I wanted to tell him that Dad didn’t matter. Mom didn’t matter: Eddie was the one I loved. They were just parents, they were bad, dead parents. Eddie was my comrade, who’d been through hell with me and back. We’d been captives together, of the harrowing Mother, who raved and dashed her glass to the floor, and drove off crowing I should jump off a cliff, and the Father popped up fleetingly, saying, “Kids, for Mom’s sake, you have to be brave.”
I loved you best, I wanted to tell him. I always always loved you best.
Eddie sat down. Kicking for purchase in the slippery mess, he maneuvered himself against the wall and slumped. He groped to find the whiskey bottle, and took it in his lap.
“Could you kind of leave me alone now?” he said, surly. “Cause, no offense, but suddenly I feel like you’re contaminating in my space?”
I looked at him, uncomprehending. He said, “Like – now?”
“Yes . . . but. Do you want me to help –”
“No, I’ll clean it up or not, when I fucking feel like it, thanks.”
I got up hurriedly, and went to the door almost scrambling to appease him. I could take a few kicks. It was actually a luxury of being halfway sane, that Eddie could take things out on me. I wanted to tell him: look, just take things out on me. I got outside with the expression on my face that I would have had, if I’d actually said that aloud.

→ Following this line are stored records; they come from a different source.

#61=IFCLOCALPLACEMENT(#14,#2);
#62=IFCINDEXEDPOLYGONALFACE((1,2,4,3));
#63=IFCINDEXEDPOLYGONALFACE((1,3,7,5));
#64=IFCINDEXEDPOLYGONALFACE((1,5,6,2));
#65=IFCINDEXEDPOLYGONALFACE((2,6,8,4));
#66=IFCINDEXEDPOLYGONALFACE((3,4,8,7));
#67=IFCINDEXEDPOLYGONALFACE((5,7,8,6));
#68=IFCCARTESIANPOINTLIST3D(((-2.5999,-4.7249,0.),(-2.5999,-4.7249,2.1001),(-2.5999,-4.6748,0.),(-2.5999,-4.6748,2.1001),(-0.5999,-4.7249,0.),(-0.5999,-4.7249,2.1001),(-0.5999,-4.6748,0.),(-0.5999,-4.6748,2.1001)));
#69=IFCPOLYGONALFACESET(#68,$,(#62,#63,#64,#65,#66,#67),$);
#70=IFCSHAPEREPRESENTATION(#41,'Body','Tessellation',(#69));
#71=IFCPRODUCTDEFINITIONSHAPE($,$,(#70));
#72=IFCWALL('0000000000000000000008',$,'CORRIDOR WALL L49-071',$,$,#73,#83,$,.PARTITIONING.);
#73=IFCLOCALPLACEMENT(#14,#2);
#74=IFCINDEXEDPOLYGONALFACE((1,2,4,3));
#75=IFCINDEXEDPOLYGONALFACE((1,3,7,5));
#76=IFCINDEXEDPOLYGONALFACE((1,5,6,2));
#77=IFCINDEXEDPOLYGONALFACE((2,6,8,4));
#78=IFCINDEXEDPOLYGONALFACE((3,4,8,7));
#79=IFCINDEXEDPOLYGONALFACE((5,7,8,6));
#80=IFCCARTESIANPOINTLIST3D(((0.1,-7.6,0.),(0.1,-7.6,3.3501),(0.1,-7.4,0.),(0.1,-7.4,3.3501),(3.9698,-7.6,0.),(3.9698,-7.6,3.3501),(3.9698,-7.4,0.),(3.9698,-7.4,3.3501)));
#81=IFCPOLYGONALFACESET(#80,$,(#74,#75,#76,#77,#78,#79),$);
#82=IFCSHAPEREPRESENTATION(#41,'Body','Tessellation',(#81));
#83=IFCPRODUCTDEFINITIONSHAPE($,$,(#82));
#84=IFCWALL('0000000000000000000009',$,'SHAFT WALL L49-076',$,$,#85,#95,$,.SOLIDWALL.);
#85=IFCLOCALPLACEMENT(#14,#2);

The bright day was strange and lonely. I balked and looked back:
Eddie was crouched low beside the bed. His lips were moving, and as I watched, he grasped that orange Soul – various tape. A strange chill came over me, and I froze as if that would make me invisible. He was just holding a cassette. He was just holding a cassette. But lingering on the step with my mouth hanging open, stalled, I had a stirring vision of a strange pale beach. Eddie was standing in the sand, with his back to me, one hand raised as if waving. He was unnaturally still, like a cardboard cut-out.
The sea moved in the background. The moon flowed, too, if you watched it closely – it was only masquerading as a moon – it was something worse. Even the sand gently guttered. Only Eddie was stock still.
It wasn’t our beach but I felt certain I had seen it somewhere, it was a real beach somewhere. And it was The End.
My gut kept insisting this was a true and urgent premonition.
I pulled the door shut. It was too much, finally. My premonitions never came true, no matter how they trumpeted themselves as “really true this time.” All such tub-thumping from my brain was sheer agenda. This was a thinly veiled excuse to go back and emote.
I turned neatly (while my heart remained at 180 degrees to me, aimed steadfastly at my brother) and walked away, back into my life with Ralph.